20年目に過去最高販売記録を更新
昨年マイナーチェンジが施された三菱デリカD:5。顔つきが精悍になり、新たに三菱自慢の4輪制御システムであるS-AWCが搭載された。
売れ行きは好調である。好調どころか「絶好調」と聞いている。とはいえこのクルマも今年でデビューから19年たち、20年目に入った。他社のミニバンは、この間に少なくとも2回はフルモデルチェンジを施している。なぜデリカは変わらないのか。なぜ変わらないのに売れ続けるのか。その辺りから伺っていこう。

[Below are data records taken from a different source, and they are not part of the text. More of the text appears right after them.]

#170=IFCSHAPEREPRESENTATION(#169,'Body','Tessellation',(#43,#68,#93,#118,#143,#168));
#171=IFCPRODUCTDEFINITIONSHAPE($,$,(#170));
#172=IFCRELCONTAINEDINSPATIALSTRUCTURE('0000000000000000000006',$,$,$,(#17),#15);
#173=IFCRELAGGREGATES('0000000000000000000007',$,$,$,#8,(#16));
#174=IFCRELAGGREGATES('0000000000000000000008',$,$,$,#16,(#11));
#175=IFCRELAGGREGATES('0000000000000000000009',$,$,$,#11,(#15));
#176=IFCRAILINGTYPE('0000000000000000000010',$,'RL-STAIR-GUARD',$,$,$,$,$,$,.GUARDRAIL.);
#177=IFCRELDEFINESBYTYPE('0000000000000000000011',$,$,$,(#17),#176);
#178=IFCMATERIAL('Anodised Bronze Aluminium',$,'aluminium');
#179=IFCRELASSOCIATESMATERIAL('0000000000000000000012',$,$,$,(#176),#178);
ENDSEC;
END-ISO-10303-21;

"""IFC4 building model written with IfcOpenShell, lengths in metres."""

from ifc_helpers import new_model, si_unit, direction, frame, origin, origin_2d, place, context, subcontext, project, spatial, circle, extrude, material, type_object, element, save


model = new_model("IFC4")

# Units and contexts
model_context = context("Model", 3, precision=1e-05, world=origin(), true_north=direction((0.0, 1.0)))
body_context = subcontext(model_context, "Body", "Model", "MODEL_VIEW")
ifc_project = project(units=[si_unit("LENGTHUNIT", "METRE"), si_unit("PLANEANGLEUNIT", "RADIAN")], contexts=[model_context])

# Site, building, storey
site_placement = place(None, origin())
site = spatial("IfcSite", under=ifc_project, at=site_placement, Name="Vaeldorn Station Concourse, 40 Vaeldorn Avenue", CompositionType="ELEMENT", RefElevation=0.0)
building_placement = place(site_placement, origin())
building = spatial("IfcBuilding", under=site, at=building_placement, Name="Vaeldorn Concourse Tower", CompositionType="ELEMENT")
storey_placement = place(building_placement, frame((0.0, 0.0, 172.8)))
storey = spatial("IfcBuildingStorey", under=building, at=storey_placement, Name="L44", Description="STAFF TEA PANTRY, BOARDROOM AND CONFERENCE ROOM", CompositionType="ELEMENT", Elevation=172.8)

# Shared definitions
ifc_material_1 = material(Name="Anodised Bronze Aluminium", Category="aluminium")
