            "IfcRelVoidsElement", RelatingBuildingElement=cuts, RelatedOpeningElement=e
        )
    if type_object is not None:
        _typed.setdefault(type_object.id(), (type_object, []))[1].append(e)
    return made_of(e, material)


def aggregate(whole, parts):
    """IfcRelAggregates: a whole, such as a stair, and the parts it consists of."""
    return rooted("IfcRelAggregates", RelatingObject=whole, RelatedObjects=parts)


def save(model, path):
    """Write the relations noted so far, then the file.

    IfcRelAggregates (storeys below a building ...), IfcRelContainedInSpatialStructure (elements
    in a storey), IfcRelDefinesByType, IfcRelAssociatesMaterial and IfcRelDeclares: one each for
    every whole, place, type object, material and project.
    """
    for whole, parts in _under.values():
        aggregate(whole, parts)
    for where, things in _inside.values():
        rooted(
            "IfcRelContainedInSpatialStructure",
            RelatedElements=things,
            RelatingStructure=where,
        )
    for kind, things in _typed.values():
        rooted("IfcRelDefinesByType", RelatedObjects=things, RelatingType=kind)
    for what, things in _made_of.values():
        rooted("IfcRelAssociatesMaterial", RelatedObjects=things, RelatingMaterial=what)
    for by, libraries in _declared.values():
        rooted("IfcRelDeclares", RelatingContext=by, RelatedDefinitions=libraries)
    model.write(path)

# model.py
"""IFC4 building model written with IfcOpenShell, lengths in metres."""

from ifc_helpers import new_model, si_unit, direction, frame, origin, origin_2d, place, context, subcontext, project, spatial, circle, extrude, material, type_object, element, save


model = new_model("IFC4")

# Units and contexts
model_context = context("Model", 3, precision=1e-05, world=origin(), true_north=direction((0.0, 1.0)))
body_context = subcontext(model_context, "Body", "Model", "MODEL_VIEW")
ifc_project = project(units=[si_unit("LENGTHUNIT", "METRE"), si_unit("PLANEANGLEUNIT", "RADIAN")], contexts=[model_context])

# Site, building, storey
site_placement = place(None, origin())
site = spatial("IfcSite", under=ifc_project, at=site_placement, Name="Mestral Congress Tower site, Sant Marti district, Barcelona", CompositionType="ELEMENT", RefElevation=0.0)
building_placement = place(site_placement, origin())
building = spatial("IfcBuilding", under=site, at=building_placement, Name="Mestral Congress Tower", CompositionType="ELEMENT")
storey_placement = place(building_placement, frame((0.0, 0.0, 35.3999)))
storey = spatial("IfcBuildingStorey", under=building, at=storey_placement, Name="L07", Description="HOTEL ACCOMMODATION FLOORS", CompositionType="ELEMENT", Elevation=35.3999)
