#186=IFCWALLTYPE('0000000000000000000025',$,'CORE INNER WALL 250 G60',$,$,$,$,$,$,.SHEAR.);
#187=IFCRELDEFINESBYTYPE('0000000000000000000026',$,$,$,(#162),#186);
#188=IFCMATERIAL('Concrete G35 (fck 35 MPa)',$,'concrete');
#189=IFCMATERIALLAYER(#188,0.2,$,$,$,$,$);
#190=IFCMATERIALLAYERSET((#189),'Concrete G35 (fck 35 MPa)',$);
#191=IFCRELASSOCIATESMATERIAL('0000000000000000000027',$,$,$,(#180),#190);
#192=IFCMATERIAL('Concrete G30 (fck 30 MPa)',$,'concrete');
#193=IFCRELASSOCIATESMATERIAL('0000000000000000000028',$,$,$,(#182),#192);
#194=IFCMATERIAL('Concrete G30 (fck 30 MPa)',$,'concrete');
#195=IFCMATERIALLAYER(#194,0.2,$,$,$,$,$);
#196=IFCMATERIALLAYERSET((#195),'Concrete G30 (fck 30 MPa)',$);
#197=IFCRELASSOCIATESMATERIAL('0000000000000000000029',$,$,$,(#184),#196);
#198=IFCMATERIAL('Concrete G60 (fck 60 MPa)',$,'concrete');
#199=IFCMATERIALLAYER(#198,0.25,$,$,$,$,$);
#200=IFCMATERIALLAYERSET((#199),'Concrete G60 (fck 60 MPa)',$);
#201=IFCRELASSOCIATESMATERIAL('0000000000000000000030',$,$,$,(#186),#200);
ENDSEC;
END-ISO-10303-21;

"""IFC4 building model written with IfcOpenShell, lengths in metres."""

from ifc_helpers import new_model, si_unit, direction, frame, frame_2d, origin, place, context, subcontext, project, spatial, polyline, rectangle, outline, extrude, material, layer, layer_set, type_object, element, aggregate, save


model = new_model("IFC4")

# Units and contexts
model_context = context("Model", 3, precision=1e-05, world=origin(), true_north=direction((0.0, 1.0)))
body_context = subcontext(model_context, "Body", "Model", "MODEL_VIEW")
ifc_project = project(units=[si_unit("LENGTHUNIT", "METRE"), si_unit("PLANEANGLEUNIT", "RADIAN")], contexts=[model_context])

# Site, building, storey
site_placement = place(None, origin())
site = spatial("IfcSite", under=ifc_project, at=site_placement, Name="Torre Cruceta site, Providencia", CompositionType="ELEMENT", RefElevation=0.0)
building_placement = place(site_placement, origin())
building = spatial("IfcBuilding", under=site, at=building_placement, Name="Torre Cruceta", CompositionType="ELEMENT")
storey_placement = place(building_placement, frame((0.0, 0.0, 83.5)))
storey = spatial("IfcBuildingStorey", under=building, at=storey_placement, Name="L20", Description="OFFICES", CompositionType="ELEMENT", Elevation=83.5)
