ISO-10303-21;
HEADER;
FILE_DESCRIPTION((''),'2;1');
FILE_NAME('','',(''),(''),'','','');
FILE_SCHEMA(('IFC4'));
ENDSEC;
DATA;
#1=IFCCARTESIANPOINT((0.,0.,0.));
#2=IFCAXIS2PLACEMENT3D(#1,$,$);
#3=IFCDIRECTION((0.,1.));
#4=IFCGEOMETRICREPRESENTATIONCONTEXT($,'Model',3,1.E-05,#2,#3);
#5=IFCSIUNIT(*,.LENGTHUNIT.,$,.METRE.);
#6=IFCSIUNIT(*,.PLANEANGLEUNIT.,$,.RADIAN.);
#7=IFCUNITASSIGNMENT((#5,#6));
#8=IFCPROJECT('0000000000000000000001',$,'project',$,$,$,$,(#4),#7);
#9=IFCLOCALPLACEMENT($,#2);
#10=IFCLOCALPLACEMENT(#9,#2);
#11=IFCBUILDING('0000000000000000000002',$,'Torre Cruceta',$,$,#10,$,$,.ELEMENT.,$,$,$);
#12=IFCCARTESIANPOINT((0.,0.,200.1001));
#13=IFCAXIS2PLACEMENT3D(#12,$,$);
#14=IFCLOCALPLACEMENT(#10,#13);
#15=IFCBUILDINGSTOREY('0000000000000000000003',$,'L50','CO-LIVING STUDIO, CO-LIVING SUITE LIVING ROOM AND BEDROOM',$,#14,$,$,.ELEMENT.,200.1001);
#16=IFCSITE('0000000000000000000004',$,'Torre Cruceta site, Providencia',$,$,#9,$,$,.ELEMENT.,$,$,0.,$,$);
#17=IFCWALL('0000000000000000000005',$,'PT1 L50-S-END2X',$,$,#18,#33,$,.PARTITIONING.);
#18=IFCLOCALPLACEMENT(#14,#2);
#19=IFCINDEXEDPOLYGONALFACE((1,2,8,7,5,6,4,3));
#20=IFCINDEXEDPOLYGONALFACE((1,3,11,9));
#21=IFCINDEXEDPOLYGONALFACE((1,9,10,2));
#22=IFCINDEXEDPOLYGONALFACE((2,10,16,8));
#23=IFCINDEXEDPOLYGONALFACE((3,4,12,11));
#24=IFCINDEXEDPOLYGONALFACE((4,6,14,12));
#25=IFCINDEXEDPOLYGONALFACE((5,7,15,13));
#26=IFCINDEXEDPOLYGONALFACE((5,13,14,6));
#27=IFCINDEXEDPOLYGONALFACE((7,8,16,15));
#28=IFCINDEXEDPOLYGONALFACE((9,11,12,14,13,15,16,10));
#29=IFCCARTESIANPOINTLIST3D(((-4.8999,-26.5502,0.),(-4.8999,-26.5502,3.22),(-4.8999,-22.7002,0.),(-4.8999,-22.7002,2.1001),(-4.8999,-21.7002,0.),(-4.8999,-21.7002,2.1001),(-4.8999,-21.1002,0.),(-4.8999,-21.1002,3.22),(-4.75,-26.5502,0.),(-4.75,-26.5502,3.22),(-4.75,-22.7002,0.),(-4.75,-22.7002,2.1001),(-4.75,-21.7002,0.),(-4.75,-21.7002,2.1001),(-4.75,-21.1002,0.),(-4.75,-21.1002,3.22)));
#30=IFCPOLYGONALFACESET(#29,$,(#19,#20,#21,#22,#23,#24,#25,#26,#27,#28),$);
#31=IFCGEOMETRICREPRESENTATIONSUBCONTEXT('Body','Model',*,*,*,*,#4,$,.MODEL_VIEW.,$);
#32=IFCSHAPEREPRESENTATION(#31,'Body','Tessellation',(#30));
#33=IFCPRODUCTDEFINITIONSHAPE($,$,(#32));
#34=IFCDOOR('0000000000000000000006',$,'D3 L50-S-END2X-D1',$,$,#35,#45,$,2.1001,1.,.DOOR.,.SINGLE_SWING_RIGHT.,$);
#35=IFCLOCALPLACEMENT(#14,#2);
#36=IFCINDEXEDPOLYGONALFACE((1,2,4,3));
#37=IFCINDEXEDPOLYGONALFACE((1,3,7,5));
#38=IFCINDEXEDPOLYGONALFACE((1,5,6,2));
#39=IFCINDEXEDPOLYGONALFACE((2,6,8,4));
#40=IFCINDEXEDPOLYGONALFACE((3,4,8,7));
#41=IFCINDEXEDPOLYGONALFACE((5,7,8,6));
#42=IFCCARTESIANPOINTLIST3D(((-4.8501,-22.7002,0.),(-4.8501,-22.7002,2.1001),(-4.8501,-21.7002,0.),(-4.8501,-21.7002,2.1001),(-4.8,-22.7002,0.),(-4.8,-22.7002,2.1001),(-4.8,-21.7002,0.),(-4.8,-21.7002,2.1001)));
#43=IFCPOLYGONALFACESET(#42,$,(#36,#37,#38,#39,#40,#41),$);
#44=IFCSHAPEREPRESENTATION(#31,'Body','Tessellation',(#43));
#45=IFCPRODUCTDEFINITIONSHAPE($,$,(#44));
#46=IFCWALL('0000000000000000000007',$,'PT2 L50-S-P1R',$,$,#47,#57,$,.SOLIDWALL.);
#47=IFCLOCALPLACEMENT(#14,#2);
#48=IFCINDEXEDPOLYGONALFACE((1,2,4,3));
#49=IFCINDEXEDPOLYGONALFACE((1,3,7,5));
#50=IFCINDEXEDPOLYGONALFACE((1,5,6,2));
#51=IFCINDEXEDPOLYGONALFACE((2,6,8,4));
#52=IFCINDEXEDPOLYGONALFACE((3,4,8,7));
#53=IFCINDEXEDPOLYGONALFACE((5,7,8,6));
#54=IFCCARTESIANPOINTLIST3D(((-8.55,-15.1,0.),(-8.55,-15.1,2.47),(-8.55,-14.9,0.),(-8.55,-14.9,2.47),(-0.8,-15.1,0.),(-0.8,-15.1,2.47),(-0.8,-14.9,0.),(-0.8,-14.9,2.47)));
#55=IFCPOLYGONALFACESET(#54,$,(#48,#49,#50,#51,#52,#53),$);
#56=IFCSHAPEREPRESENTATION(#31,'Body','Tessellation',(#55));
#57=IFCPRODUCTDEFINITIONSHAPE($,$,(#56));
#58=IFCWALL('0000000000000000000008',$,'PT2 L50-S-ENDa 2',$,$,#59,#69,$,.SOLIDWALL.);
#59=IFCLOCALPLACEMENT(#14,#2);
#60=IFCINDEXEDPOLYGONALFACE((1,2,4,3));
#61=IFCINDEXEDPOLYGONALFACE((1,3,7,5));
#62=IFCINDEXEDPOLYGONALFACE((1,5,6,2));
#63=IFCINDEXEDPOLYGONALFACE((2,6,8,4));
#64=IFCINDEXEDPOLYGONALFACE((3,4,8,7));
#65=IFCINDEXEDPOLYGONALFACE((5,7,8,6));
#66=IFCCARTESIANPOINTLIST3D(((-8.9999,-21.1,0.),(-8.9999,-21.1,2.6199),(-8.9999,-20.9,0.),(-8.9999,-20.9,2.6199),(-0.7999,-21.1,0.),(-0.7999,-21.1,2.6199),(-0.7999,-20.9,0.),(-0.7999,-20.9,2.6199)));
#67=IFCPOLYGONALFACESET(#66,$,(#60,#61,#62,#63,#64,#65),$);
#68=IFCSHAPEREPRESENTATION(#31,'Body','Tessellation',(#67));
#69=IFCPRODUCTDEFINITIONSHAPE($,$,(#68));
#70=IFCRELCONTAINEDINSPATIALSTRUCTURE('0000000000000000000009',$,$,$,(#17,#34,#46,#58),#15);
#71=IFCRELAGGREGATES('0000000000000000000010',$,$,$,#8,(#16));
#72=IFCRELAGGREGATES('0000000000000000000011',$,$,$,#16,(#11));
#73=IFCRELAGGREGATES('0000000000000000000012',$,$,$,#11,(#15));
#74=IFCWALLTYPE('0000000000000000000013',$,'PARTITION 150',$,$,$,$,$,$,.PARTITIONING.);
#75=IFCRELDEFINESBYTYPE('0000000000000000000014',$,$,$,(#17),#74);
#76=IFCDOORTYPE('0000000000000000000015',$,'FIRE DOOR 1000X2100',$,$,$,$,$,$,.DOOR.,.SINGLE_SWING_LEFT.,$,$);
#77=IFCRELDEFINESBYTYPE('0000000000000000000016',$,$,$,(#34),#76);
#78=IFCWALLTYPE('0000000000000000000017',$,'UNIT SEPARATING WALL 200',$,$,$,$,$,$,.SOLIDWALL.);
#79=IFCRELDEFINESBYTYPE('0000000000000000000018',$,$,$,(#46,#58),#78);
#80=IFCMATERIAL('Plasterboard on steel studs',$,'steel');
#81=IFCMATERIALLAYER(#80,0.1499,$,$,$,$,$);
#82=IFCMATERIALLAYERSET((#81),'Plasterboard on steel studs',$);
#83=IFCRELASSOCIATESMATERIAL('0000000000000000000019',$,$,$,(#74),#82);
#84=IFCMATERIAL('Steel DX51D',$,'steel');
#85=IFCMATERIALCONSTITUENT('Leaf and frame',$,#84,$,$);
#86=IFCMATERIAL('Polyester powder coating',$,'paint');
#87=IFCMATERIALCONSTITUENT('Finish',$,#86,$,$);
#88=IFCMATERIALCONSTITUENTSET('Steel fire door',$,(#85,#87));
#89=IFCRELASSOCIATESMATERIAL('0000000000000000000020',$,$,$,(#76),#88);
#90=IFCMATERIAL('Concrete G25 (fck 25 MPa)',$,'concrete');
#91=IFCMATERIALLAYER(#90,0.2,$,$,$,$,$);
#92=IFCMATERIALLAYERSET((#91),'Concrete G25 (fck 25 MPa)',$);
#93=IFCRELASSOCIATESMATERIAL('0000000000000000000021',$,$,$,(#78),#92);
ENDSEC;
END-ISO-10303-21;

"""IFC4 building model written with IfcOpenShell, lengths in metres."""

from ifc_helpers import new_model, si_unit, direction, frame, frame_2d, origin, place, context, subcontext, project, spatial, rectangle, extrude, material, layer, layer_set, constituent, constituent_set, type_object, element, fill, save


model = new_model("IFC4")

# Units and contexts
model_context = context("Model", 3, precision=1e-05, world=origin(), true_north=direction((0.0, 1.0)))
body_context = subcontext(model_context, "Body", "Model", "MODEL_VIEW")
ifc_project = project(units=[si_unit("LENGTHUNIT", "METRE"), si_unit("PLANEANGLEUNIT", "RADIAN")], contexts=[model_context])

# Site, building, storey
site_placement = place(None, origin())
site = spatial("IfcSite", under=ifc_project, at=site_placement, Name="Torre Cruceta site, Providencia", CompositionType="ELEMENT", RefElevation=0.0)
building_placement = place(site_placement, origin())
building = spatial("IfcBuilding", under=site, at=building_placement, Name="Torre Cruceta", CompositionType="ELEMENT")
storey_placement = place(building_placement, frame((0.0, 0.0, 200.1001)))
storey = spatial("IfcBuildingStorey", under=building, at=storey_placement, Name="L50", Description="CO-LIVING STUDIO, CO-LIVING SUITE LIVING ROOM AND BEDROOM", CompositionType="ELEMENT", Elevation=200.1001)

# Wall, opening, door
ifc_material_1 = material(Name="Plasterboard on steel studs", Category="steel")
ifc_layer_1 = layer(ifc_material_1, 0.1499)
ifc_layer_set_1 = layer_set([ifc_layer_1], Name="Plasterboard on steel studs")
wall_type_1 = type_object("IfcWallType", Name="PARTITION 150", PredefinedType="PARTITIONING", material=ifc_layer_set_1)
wall_1_placement = place(storey_placement, frame((-4.825, -21.1001, 0.0), z_axis=(0.0, 0.0, 1.0), x_axis=(0.0, -1.0, 0.0)))
wall_1 = element("IfcWall", 1, at=wall_1_placement, inside=storey, type_object=wall_type_1, Name="PT1 L50-S-END2X", PredefinedType="PARTITIONING", context=body_context, shape_type="SweptSolid", body=[
    extrude(rectangle(XDim=5.45, YDim=0.1499, at=frame_2d((2.7251, 0.0))), origin(), (0.0, 0.0, 1.0), 3.22),
])
opening_1_placement = place(wall_1_placement, frame((0.6001, 0.0, 0.0)))
opening_1 = element("IfcOpeningElement", 2, at=opening_1_placement, cuts=wall_1, PredefinedType="OPENING", context=body_context, shape_type="SweptSolid", body=[
    extrude(rectangle(XDim=1.0, YDim=2.1001, at=frame_2d((0.5, 1.05))), frame((0.0, 0.085, 0.0), z_axis=(0.0, -1.0, 0.0), x_axis=(1.0, 0.0, 0.0)), (0.0, 0.0, 1.0), 0.1699),
])
ifc_material_2 = material(Name="Steel DX51D", Category="steel")
ifc_constituent_1 = constituent(ifc_material_2, Name="Leaf and frame")
ifc_material_3 = material(Name="Polyester powder coating", Category="paint")
ifc_constituent_2 = constituent(ifc_material_3, Name="Finish")
ifc_constituent_set_1 = constituent_set(constituents=[ifc_constituent_1, ifc_constituent_2], Name="Steel fire door")
door_type_1 = type_object("IfcDoorType", Name="FIRE DOOR 1000X2100", OperationType="SINGLE_SWING_LEFT", PredefinedType="DOOR", material=ifc_constituent_set_1)
door_1_placement = place(opening_1_placement, frame((1.0, 0.0, 0.0), z_axis=(0.0, 0.0, 1.0), x_axis=(-1.0, 0.0, 0.0)))
door_1 = element("IfcDoor", 3, at=door_1_placement, inside=storey, type_object=door_type_1, Name="D3 L50-S-END2X-D1", OperationType="SINGLE_SWING_RIGHT", OverallHeight=2.1001, OverallWidth=1.0, PredefinedType="DOOR", context=body_context, shape_type="SweptSolid", body=[
    extrude(rectangle(XDim=1.0, YDim=2.1001, at=frame_2d((0.5, 1.05))), frame((0.0, 0.0251, 0.0), z_axis=(0.0, -1.0, 0.0), x_axis=(1.0, 0.0, 0.0)), (0.0, 0.0, 1.0), 0.05),
])
fill(opening_1, door_1)

# Walls
ifc_material_4 = material(Name="Concrete G25 (fck 25 MPa)", Category="concrete")
ifc_layer_2 = layer(ifc_material_4, 0.2)
ifc_layer_set_2 = layer_set([ifc_layer_2], Name="Concrete G25 (fck 25 MPa)")
wall_type_2 = type_object("IfcWallType", Name="UNIT SEPARATING WALL 200", PredefinedType="SOLIDWALL", material=ifc_layer_set_2)
wall_2_placement = place(storey_placement, frame((-8.55, -15.0, 0.0), z_axis=(0.0, 0.0, 1.0), x_axis=(1.0, 0.0, 0.0)))
element("IfcWall", 4, at=wall_2_placement, inside=storey, type_object=wall_type_2, Name="PT2 L50-S-P1R", PredefinedType="SOLIDWALL", context=body_context, shape_type="SweptSolid", body=[
    extrude(rectangle(XDim=7.75, YDim=0.2, at=frame_2d((3.875, 0.0))), origin(), (0.0, 0.0, 1.0), 2.47),
])
wall_3_placement = place(storey_placement, frame((-9.0, -21.0, 0.0), z_axis=(0.0, 0.0, 1.0), x_axis=(1.0, 0.0, 0.0)))
element("IfcWall", 5, at=wall_3_placement, inside=storey, type_object=wall_type_2, Name="PT2 L50-S-ENDa 2", PredefinedType="SOLIDWALL", context=body_context, shape_type="SweptSolid", body=[
    extrude(rectangle(XDim=8.2, YDim=0.2, at=frame_2d((4.1001, 0.0))), origin(), (0.0, 0.0, 1.0), 2.6199),
])

save(model, "model.ifc")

三菱自動車工業 PO(Cross Carline)担当部長柴田直之さん(右)、第II車両技術開発本部 車両運動システム開発部 4輪統合制御設計 担当マネージャー加藤智さん(左)
フェルディナント・ヤマグチ(以下、F):デリカD:5も今年で19年になります。20年目。長いです。普通なら飽きられて消費者からソッポを向かれてしまってもおかしくないはずです。売れ行きはどうでしょう。
三菱広報・田中さん(以下、田):デリカD:5を発売したのが2007年1月。おっしゃる通り今年で19年たちました。ちょうどリリースを出すのですが、今まで一番売れたのは、2007年度でした。いわゆる新車効果ですね。で、2020年にコロナがあって、そこでいったんドカンと落ちて、2021年度からはずっと右肩上がり、そして2025年度には過去最高の販売台数を記録しました。
F:なんと!20年目のクルマが過去最高記録を更新!
三菱自動車工業 PO(Cross Carline)担当部長柴田直之さん(以下、柴):普通では考えられないことですよね。デリカD:5というクルマが、皆さんに受け入れられたからだと思っています。
デリカミニ効果で女性ファンが急増
F:デリカミニ効果という部分はありませんか?
柴:それはあると思います。大いにある。やはりデリカミニで「デリカ」という名前の認知度が一気に上がった感があります。「デリ丸。」というキャラクターを使った広告戦略もうまくいきました。あれで女性のお客様を多く取り込むことができました。今までやっぱりウチは「男性が乗るクルマ」というイメージが強かったので。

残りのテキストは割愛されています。